Training set size: 12494
Testing set size: 1562
Validation set size: 1562


In [12]:
# Build and train the decision tree model
model = DecisionTreeRegressor(criterion='squared_error', splitter='best', 
                              max_depth=None, min_samples_split=2, min_samples_leaf=1, 
                              min_weight_fraction_leaf=0.0, max_features=None, random_state=None, 
                              max_leaf_nodes=None, min_impurity_decrease=0.0, ccp_alpha=0.0)
model.fit(X_train, y_train)

# Predict from the model
y_test_pred = model.predict(X_test)

# Calulcate MSE, R^2 of the training data
mse_test = mean_squared_error(y_test, y_test_pred)
r2_test = r2_score(y_test, y_test_pred)
print(f"Test Set - Mean Squared Error: {mse_test}, R^2 Score: {r2_test}")


Test Set - Mean Squared Error: 0.5261513274444239, R^2 Score: 0.23072508248931467


## Testing and Validating
Compare the test and validation set to the model. 

In [20]:
# Evaluate on test and validation sets
y_test_pred = model.predict(X_test)
y_val_pred = model.predict(X_val)

mse_test = mean_squared_error(y_test, y_test_pred)
r2_test = r2_score(y_test, y_test_pred)
mse_val = mean_squared_error(y_val, y_val_pred)
r2_val = r2_score(y_val, y_val_pred)

print(f"Test Set - Mean Squared Error: {mse_test}, R^2 Score: {r2_test}")
print(f"Validation Set - Mean Squared Error: {mse_val}, R^2 Score: {r2_val}")

# Save the model (optional)
import joblib
joblib.dump(model, "decision_tree_model.pkl")

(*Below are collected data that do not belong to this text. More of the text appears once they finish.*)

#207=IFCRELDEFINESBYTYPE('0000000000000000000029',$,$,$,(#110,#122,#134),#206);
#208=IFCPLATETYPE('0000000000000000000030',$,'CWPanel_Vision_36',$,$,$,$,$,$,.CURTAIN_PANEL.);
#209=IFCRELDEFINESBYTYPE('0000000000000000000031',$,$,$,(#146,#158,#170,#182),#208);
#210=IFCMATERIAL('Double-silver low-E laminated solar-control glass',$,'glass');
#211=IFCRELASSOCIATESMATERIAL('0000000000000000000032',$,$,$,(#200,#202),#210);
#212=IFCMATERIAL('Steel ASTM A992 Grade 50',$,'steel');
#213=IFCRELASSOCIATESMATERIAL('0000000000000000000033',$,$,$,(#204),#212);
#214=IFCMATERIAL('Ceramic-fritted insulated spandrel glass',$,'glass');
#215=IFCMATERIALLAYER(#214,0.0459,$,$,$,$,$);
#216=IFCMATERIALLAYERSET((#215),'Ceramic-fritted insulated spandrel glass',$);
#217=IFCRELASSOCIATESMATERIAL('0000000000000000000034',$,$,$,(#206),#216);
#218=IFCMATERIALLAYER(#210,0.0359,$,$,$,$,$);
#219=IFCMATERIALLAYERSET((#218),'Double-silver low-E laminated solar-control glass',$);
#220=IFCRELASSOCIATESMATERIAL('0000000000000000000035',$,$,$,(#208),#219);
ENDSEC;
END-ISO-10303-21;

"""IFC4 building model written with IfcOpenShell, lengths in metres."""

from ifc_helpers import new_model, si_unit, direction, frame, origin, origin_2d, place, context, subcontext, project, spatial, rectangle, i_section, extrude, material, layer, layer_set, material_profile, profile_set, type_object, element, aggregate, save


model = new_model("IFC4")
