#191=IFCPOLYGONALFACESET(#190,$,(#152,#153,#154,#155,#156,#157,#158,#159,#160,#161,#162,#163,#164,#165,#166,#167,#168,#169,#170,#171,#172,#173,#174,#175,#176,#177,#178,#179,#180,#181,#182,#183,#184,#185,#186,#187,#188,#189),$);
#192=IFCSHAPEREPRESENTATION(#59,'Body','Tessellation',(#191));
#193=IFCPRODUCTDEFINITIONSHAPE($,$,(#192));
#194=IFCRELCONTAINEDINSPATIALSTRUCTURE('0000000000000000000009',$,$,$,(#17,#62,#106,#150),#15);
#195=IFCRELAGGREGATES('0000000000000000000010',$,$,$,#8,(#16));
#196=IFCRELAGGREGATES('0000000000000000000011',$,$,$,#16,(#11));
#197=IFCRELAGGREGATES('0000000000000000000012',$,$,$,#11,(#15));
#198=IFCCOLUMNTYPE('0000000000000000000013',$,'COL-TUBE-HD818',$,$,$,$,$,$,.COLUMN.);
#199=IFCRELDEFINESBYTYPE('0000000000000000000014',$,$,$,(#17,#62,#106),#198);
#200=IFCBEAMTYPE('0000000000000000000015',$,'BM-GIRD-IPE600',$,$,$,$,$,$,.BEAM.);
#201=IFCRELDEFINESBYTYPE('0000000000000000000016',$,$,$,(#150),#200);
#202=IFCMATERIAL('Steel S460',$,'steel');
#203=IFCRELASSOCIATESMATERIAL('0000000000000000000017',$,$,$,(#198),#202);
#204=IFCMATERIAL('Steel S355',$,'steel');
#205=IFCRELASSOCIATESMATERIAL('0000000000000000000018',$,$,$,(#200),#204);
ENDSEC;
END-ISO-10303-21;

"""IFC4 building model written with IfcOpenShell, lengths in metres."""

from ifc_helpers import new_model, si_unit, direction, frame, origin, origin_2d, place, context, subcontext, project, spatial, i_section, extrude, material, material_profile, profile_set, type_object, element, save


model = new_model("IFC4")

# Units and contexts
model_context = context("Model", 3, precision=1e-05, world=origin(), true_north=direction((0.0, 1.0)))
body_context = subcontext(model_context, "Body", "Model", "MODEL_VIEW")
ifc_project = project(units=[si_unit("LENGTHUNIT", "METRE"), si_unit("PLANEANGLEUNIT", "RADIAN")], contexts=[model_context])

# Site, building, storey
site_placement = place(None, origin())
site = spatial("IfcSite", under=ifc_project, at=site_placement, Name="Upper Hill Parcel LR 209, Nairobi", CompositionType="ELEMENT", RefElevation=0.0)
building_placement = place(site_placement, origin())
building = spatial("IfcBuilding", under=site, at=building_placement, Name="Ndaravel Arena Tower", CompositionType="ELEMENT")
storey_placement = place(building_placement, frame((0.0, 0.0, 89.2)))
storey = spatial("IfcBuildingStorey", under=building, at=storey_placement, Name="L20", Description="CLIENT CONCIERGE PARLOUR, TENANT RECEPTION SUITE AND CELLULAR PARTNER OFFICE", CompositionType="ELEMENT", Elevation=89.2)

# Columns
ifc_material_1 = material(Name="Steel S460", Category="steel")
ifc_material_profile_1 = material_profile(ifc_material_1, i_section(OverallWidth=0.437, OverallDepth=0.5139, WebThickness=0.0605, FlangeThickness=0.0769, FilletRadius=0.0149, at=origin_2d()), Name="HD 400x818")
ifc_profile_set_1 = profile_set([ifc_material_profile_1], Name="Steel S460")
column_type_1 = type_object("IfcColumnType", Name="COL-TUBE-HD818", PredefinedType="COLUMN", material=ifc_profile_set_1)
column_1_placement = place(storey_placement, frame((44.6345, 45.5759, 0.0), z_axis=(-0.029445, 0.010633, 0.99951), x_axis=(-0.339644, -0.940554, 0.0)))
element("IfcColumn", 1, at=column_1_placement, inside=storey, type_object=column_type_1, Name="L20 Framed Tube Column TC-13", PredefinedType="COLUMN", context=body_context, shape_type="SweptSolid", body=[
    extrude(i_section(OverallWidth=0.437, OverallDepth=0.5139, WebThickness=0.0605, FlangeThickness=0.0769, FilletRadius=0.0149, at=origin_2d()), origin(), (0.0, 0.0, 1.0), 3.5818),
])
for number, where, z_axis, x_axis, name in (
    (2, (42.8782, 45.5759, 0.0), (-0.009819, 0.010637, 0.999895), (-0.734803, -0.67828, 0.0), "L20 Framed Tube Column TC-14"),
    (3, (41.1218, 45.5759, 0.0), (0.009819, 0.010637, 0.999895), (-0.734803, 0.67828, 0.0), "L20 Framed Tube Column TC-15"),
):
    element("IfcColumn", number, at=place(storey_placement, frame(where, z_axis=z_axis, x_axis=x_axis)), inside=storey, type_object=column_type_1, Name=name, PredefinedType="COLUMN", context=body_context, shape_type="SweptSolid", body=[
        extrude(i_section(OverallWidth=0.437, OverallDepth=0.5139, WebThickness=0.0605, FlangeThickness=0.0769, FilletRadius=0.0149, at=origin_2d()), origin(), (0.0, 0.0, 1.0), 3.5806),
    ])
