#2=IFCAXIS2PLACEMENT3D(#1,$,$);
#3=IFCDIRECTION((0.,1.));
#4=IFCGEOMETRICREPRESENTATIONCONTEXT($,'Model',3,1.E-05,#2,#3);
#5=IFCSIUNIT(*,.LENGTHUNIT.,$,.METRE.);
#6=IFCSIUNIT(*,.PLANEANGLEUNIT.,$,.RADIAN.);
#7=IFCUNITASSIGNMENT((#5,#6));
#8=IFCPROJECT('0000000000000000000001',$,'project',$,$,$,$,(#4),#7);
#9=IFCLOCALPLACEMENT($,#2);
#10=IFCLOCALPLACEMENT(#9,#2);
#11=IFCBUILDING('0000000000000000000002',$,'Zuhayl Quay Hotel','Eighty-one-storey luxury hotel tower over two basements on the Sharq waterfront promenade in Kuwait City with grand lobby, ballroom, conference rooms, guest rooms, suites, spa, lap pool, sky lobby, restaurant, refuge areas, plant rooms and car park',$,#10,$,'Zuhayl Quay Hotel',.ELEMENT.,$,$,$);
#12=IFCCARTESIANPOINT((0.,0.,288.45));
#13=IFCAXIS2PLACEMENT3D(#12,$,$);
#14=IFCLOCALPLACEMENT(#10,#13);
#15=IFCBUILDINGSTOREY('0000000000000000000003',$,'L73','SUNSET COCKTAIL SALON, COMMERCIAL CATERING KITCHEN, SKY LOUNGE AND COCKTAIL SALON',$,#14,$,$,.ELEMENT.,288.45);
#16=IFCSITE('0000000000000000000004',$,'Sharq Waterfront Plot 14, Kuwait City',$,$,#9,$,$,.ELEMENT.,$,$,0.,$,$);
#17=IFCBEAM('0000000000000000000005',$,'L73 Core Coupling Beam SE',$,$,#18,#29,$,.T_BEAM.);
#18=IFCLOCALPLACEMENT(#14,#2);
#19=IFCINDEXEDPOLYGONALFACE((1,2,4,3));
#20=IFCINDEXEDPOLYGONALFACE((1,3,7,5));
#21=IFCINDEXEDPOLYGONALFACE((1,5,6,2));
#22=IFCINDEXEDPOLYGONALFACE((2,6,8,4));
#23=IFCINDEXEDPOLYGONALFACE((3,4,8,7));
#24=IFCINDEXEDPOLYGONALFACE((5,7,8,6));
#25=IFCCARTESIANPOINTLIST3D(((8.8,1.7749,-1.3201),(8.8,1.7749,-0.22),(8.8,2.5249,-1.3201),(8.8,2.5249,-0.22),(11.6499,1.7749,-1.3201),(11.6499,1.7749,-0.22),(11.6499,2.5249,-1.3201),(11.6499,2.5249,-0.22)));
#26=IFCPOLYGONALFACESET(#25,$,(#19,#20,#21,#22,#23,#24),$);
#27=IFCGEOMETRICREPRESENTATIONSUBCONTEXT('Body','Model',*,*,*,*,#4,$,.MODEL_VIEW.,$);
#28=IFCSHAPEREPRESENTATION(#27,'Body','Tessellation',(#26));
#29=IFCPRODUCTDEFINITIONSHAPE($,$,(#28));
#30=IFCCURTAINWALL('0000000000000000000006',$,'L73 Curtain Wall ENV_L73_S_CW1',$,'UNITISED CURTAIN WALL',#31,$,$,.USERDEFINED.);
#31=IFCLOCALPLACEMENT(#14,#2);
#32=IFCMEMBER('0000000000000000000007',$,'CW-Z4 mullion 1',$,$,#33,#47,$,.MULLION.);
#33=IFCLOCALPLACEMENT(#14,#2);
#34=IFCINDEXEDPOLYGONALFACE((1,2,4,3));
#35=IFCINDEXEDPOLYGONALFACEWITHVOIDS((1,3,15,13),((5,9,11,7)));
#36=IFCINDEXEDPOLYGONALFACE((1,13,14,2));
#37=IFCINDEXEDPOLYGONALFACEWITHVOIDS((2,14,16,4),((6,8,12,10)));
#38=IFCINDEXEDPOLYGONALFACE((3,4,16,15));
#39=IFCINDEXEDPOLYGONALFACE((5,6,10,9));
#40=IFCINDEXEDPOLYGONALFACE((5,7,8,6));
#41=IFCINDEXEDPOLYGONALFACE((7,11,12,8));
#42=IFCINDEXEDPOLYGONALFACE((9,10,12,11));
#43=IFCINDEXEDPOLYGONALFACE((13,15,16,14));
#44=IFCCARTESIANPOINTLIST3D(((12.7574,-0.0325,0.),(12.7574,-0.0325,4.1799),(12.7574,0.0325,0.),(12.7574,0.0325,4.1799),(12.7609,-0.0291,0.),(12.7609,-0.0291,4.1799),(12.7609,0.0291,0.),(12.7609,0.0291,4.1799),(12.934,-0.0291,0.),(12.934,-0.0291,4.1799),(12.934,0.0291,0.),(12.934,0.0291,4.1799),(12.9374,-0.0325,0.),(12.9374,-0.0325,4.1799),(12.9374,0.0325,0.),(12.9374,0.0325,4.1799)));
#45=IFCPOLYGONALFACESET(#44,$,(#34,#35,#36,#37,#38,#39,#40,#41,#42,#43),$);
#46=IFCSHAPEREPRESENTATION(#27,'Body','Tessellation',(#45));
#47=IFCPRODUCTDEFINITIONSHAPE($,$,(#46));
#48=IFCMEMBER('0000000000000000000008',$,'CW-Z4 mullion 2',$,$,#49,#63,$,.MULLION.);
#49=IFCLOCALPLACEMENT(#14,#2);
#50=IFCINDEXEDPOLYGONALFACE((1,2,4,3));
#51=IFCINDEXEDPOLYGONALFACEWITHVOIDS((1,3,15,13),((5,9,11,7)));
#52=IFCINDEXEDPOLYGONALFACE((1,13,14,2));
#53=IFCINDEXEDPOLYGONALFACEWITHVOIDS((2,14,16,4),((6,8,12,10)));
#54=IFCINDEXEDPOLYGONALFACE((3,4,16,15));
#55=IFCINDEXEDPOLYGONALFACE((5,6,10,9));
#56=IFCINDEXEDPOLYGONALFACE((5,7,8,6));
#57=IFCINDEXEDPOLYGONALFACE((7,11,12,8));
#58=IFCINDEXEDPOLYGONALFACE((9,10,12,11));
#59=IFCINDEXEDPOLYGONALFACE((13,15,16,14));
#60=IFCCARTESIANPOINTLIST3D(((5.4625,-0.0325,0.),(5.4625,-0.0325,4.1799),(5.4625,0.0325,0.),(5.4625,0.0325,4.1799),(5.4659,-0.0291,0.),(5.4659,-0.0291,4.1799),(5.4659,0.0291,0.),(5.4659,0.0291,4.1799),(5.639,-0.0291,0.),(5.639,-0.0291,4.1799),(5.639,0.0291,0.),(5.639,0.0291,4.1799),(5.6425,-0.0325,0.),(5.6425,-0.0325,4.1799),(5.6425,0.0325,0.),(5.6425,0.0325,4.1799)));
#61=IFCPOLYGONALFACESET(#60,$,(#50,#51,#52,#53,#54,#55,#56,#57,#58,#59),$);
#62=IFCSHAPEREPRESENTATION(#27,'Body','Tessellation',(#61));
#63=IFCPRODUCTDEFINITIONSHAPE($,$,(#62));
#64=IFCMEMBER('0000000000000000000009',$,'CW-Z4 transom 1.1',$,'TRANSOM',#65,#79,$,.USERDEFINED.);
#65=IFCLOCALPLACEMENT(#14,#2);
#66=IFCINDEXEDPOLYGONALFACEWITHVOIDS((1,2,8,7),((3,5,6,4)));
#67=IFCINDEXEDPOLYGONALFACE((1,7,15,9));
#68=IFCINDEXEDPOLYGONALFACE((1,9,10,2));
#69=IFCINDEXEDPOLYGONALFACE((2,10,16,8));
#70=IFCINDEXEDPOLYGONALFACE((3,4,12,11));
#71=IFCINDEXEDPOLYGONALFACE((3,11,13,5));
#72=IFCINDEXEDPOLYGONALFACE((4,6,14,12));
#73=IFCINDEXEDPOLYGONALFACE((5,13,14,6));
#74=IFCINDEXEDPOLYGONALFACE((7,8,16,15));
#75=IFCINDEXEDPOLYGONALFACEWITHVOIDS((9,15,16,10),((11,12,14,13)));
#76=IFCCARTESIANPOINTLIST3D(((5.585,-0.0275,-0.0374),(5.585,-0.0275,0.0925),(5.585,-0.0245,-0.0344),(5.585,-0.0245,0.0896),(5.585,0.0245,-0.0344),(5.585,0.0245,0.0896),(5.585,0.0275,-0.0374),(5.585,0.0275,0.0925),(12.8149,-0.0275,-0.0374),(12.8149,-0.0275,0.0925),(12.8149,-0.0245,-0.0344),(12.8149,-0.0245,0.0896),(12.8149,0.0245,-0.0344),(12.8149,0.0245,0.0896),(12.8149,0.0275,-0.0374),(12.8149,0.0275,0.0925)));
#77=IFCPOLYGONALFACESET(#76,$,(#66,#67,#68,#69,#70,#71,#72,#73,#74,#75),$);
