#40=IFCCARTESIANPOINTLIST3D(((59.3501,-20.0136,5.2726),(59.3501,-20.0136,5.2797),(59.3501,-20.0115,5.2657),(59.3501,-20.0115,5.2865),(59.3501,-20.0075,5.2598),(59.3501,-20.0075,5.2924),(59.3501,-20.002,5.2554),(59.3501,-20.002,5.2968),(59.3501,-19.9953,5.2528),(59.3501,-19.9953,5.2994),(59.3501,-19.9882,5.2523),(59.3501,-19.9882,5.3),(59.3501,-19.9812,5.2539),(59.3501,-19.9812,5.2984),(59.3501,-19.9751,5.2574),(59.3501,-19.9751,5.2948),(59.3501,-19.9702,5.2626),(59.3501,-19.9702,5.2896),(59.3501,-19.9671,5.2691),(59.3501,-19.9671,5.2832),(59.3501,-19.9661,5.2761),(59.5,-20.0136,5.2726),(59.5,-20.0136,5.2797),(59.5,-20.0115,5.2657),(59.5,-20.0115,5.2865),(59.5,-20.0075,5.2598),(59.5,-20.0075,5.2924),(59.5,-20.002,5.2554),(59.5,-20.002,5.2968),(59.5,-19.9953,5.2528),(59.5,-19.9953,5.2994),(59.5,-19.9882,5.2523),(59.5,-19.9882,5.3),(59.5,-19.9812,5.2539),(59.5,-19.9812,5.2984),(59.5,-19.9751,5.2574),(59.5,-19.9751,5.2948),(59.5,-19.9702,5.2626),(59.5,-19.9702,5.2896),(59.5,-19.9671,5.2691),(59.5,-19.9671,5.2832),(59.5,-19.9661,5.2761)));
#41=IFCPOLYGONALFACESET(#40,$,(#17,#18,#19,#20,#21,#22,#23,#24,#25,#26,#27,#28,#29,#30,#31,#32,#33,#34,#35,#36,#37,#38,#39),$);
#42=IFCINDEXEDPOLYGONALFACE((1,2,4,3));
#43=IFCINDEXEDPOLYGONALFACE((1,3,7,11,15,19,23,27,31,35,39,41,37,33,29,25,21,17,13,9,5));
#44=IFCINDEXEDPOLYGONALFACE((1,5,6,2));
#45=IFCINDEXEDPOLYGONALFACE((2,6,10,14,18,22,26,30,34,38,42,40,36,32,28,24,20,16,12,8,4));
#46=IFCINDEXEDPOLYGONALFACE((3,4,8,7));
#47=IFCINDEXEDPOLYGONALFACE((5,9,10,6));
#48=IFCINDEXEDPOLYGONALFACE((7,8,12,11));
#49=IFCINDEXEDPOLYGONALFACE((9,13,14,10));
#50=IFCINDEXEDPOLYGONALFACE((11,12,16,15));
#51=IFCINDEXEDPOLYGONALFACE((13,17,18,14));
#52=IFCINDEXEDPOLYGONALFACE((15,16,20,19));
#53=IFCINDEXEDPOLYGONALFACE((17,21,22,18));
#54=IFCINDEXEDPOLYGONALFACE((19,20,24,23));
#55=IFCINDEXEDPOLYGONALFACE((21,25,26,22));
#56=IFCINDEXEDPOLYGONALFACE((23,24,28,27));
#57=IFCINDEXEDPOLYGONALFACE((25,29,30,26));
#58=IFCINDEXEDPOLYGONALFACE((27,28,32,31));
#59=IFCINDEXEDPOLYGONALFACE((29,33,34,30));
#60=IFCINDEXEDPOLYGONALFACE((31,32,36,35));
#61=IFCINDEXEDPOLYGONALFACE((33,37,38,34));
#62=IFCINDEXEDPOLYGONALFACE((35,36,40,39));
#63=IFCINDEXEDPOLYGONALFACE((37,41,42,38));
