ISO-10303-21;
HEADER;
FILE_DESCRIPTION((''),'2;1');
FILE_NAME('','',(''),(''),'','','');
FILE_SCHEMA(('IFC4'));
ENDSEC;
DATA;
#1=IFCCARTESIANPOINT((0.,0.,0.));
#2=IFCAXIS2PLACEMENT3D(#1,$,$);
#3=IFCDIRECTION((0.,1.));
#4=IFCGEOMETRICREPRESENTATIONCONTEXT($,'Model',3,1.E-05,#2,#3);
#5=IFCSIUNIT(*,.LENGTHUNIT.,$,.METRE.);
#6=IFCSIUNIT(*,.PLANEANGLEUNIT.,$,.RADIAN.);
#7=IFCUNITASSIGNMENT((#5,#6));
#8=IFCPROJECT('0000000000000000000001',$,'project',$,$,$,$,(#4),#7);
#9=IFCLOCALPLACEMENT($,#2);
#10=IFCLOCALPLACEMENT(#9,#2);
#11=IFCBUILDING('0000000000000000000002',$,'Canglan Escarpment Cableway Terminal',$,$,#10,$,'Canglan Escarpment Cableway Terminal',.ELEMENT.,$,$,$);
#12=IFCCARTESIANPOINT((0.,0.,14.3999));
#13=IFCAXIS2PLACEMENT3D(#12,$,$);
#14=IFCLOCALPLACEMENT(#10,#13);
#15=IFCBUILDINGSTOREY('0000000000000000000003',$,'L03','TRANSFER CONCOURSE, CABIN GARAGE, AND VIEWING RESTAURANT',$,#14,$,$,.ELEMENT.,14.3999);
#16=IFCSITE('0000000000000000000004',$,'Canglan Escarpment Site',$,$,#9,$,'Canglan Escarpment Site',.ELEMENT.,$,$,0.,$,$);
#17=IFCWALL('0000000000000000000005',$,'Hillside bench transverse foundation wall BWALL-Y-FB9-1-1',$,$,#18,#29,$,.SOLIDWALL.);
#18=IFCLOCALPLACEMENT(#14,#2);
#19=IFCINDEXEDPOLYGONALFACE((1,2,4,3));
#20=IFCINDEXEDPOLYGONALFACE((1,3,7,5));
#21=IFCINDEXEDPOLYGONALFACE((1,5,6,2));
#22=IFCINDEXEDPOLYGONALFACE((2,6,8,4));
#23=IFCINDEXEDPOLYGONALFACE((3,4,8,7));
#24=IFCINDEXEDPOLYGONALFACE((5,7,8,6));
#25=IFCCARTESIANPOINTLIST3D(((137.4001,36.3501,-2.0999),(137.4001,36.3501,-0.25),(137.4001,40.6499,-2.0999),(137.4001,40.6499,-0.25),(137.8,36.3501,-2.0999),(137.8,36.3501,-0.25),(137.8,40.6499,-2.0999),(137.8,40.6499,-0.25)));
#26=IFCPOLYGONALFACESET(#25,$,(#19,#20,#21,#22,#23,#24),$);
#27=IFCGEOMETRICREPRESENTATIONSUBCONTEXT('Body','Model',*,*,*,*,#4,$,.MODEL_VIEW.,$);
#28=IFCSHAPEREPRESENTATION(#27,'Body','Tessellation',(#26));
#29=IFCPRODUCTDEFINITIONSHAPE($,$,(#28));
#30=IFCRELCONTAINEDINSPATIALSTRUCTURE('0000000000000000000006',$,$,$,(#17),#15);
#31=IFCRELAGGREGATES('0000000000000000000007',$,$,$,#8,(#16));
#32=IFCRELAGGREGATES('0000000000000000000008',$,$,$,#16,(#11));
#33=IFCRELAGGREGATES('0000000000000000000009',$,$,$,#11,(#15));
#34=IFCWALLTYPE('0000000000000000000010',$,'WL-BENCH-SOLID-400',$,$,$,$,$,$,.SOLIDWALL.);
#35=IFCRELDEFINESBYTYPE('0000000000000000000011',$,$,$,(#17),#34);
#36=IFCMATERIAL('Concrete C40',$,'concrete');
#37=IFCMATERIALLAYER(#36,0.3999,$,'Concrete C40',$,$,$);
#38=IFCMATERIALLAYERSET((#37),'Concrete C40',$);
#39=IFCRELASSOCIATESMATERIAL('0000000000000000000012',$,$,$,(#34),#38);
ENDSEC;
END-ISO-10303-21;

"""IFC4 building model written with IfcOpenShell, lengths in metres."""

from ifc_helpers import new_model, si_unit, direction, frame, frame_2d, origin, place, context, subcontext, project, spatial, rectangle, extrude, material, layer, layer_set, type_object, element, save


model = new_model("IFC4")

# Units and contexts
model_context = context("Model", 3, precision=1e-05, world=origin(), true_north=direction((0.0, 1.0)))
body_context = subcontext(model_context, "Body", "Model", "MODEL_VIEW")
ifc_project = project(units=[si_unit("LENGTHUNIT", "METRE"), si_unit("PLANEANGLEUNIT", "RADIAN")], contexts=[model_context])

# Site, building, storey
site_placement = place(None, origin())
site = spatial("IfcSite", under=ifc_project, at=site_placement, Name="Canglan Escarpment Site", LongName="Canglan Escarpment Site", CompositionType="ELEMENT", RefElevation=0.0)
building_placement = place(site_placement, origin())
building = spatial("IfcBuilding", under=site, at=building_placement, Name="Canglan Escarpment Cableway Terminal", LongName="Canglan Escarpment Cableway Terminal", CompositionType="ELEMENT")
storey_placement = place(building_placement, frame((0.0, 0.0, 14.3999)))
storey = spatial("IfcBuildingStorey", under=building, at=storey_placement, Name="L03", Description="TRANSFER CONCOURSE, CABIN GARAGE, AND VIEWING RESTAURANT", CompositionType="ELEMENT", Elevation=14.3999)

# Shared definitions
ifc_material_1 = material(Name="Concrete C40", Category="concrete")

# Wall
ifc_layer_1 = layer(ifc_material_1, 0.3999, Name="Concrete C40")
ifc_layer_set_1 = layer_set([ifc_layer_1], Name="Concrete C40")
wall_type = type_object("IfcWallType", Name="WL-BENCH-SOLID-400", PredefinedType="SOLIDWALL", material=ifc_layer_set_1)
wall_placement = place(storey_placement, frame((137.6001, 36.3501, -2.0999), z_axis=(0.0, 0.0, 1.0), x_axis=(0.0, 1.0, 0.0)))
element("IfcWall", 1, at=wall_placement, inside=storey, type_object=wall_type, Name="Hillside bench transverse foundation wall BWALL-Y-FB9-1-1", PredefinedType="SOLIDWALL", context=body_context, shape_type="SweptSolid", body=[
    extrude(rectangle(XDim=4.2998, YDim=0.3999, at=frame_2d((2.1499, 0.0))), origin(), (0.0, 0.0, 1.0), 1.8499),
])

save(model, "model.ifc")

Test Set - Mean Squared Error: 0.5360262138012457, R^2 Score: 0.21628721643950632
Validation Set - Mean Squared Error: 0.5262215107557578, R^2 Score: 0.2020530133038475


['decision_tree_model.pkl']

From the MSE, we can see that the error is small, a good sign. However the Regression value is very small and doesnt show much clarification. Increasing radius to 3 reduces the R2 score, but increasing the nbits representation of the fingerprints increased it.